Reducing Model Training Time

Similarly, training a given model with Active Learning is often a lot more time consuming that simply using supervised learning, and not wasting training time involves a lot of expertise and care. However, Active Learning can still lead to speeding up very significantly the training process because of the time saved on data labeling. When annotating a large dataset of several hundreds of thousands of records, one can often see himself/herself wait for months. With Active Learning – and only a fraction of the data to annotate -, a Machine Learning team can often push the model to production a lot sooner. This is even more true when using continuous data annotation pipelines (such as those available through the Alectio Labeling Marketplace) instead of waiting for manual updates on the status of the labeling request.


Boosting Model Performance

This is where it gets really interesting. Until now, all the benefits we have covered were exclusively focused on operational benefits. But what if I told you that by using Active Learning, you could actually increase the performance of your model. This would certainly go against everything you had been taught in school: more data is supposed to lead to better generalization, and hence, better performance. However, in recent years, new research on the topic of Online Learning has demonstrated the possibility for models to get confused and “forget” concepts that they previously understood, in the same manner that students exposed only to difficult new vocabulary when learning a new language end up forgetting the initial, most simple words. By acting not just on which records, but also in which order the records are fed to the model, it is possible to significantly modify its performance. This is a very exciting area of research that I personally hope more experts will pay attention to over the next couple of years.


Diagnosing Model Issues and Weaknesses

Training a model incrementally might feel like a hustle at first (especially because it requires more complicated MLOps pipelines), but it comes with a unique advantage: the ability to track the learning process step-by-step, and record much more granular metrics. For example, with Active Learning, you get the opportunity to get a confusion matrix for each loop, and establish exactly when a specific class is being learned, or when overfitting starts occurring. It also allows to analyze the stability of parameters across time.

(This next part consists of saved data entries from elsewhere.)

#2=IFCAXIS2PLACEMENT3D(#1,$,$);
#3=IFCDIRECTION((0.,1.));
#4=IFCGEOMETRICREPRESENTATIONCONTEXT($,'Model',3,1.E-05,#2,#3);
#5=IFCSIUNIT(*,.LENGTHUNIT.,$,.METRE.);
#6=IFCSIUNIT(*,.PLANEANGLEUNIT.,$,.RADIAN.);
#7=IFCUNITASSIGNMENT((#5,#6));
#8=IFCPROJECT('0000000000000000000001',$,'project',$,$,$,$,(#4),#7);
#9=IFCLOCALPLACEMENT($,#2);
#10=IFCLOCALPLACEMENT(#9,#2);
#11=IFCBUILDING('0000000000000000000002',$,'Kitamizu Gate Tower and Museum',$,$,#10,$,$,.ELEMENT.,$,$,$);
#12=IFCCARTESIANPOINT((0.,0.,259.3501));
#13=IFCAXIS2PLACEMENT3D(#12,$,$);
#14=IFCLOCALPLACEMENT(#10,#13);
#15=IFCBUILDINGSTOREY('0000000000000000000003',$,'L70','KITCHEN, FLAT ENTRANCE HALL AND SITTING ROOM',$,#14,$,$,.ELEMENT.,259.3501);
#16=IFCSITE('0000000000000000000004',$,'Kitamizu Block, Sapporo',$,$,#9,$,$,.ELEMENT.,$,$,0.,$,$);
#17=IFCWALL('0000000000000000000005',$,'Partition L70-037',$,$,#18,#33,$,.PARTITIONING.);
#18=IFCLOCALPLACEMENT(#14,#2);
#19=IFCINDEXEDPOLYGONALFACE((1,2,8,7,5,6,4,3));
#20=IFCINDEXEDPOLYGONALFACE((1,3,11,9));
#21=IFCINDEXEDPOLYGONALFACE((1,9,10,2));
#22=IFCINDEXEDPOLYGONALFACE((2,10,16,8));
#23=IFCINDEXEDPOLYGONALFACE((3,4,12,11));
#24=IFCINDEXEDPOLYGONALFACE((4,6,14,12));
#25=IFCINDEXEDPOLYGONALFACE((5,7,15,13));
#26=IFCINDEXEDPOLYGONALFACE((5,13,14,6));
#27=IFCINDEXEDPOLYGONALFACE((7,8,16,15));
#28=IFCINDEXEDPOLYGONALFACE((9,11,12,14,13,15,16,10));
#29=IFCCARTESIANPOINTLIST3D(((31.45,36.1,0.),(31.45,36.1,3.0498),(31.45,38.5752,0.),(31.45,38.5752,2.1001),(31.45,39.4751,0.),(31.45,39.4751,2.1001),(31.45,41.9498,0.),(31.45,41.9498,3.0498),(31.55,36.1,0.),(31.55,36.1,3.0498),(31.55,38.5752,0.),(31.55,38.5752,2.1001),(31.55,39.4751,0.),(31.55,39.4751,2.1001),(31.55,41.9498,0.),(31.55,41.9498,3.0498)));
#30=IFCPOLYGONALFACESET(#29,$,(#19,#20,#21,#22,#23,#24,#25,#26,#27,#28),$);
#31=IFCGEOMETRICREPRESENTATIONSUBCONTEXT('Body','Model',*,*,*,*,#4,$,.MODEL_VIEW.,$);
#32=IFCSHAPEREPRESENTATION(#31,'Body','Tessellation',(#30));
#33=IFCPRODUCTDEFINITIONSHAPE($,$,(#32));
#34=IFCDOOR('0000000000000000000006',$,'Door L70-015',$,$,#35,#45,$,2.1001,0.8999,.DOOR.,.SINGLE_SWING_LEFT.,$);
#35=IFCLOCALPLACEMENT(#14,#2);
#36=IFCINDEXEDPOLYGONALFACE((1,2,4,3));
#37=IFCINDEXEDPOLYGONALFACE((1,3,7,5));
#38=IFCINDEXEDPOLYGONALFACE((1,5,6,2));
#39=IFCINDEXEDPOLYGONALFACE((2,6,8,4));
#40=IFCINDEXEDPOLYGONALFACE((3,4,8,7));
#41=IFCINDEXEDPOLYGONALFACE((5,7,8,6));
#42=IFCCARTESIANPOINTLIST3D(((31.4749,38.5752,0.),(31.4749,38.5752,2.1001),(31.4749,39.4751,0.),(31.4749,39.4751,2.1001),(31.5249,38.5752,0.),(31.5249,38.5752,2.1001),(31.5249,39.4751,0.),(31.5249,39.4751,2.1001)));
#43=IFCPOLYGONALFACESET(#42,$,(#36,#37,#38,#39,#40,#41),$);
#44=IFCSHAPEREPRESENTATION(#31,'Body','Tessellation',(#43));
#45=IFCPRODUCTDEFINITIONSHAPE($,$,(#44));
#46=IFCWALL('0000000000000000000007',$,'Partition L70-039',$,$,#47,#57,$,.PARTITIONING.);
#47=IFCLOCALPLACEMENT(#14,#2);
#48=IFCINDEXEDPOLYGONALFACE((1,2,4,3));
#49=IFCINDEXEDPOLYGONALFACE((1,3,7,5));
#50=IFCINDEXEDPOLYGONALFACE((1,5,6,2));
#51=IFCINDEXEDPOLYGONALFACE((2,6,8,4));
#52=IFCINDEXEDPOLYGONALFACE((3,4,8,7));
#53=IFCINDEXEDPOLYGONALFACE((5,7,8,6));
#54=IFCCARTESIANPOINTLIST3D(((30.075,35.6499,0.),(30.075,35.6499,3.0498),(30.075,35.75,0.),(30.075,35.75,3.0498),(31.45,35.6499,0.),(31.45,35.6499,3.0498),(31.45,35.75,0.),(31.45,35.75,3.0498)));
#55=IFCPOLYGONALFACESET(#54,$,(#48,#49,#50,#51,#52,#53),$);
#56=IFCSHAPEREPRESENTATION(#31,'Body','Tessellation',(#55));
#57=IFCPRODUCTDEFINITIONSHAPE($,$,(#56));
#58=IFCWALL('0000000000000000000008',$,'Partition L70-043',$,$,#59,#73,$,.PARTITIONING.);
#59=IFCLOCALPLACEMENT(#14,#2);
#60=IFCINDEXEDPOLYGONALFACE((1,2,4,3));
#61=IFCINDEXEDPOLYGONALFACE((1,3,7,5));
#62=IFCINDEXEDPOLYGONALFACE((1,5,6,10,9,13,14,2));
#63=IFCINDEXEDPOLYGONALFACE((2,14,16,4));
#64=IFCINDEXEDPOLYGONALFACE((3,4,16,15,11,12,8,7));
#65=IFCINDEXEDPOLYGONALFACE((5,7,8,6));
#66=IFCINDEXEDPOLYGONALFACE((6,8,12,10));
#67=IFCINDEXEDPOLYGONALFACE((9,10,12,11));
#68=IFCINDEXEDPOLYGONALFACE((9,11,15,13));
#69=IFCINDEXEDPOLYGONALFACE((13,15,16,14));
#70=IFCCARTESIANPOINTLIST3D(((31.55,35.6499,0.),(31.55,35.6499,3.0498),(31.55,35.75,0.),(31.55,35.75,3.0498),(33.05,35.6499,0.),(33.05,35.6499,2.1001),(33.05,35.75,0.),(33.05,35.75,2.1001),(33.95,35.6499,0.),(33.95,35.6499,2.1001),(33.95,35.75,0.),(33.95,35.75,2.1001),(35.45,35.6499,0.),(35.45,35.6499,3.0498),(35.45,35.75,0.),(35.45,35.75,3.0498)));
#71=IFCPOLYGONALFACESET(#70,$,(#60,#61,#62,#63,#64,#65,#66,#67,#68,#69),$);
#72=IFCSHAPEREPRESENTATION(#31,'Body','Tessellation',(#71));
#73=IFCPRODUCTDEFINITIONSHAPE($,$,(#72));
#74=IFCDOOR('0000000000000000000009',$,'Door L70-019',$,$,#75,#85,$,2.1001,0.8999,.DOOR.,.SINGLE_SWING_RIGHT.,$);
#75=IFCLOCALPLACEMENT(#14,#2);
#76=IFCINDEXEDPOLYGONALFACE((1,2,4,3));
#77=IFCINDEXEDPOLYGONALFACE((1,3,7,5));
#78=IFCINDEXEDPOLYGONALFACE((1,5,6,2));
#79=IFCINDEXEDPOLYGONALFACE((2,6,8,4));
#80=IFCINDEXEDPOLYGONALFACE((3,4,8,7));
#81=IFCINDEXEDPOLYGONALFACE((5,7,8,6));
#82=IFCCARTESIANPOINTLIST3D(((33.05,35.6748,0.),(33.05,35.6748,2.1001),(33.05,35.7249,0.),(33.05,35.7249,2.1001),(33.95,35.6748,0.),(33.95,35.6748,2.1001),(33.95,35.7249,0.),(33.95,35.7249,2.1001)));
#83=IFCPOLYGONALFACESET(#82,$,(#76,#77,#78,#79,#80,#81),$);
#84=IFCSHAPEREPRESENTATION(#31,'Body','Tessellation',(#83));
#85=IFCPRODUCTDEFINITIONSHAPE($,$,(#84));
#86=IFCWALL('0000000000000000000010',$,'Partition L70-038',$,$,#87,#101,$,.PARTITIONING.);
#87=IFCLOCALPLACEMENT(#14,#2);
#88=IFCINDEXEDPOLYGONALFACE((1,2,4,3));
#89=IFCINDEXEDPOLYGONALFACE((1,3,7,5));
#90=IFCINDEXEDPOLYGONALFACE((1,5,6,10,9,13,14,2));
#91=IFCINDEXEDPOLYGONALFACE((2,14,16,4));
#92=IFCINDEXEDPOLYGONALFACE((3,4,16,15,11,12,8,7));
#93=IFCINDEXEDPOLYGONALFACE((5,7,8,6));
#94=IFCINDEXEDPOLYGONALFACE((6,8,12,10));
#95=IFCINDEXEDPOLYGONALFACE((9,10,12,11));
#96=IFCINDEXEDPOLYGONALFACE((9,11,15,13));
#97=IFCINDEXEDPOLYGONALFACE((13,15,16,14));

Active Learning provides unprecedented abilities for a data scientist to analyze, for example, if two classes should be consolidated, or if a model is too deep or too narrow, making it a powerful diagnostic tool for data scientists.


Improving Model Explainability

Last but not least, by the same argument of incremental learning, Active Learning makes it possible to correlate the injection of specific data along the training process with fluctuations in the model and its learning curve. Because the selected data is annotated, it is possible to analyze how the density of information (like specific objects in the case of object detection or segmentation) changes over time, and how it correlates to changes in the pace of learning. For example, if the data runs out of trucks and the learning curve for cars stalls, it is possible not only to improve the data collection process (you could even generate the exact right synthetic data), but to gain a detailed understanding of what helps the model learn faster.




Who knew that Active Learning could actually be such a powerful tool to help data scientists build and train their models faster and better? Well, we did, and that’s what we designed the Alectio Platform to do for you. But regardless of whether or not you want to make the Alectio Platform one of your preferred MLOps tools, we hope that you will give Active Learning a fair shot and explore its many benefits beyond the simple fact that it can help you keep labeling costs under control. We are certain that you will not regret it.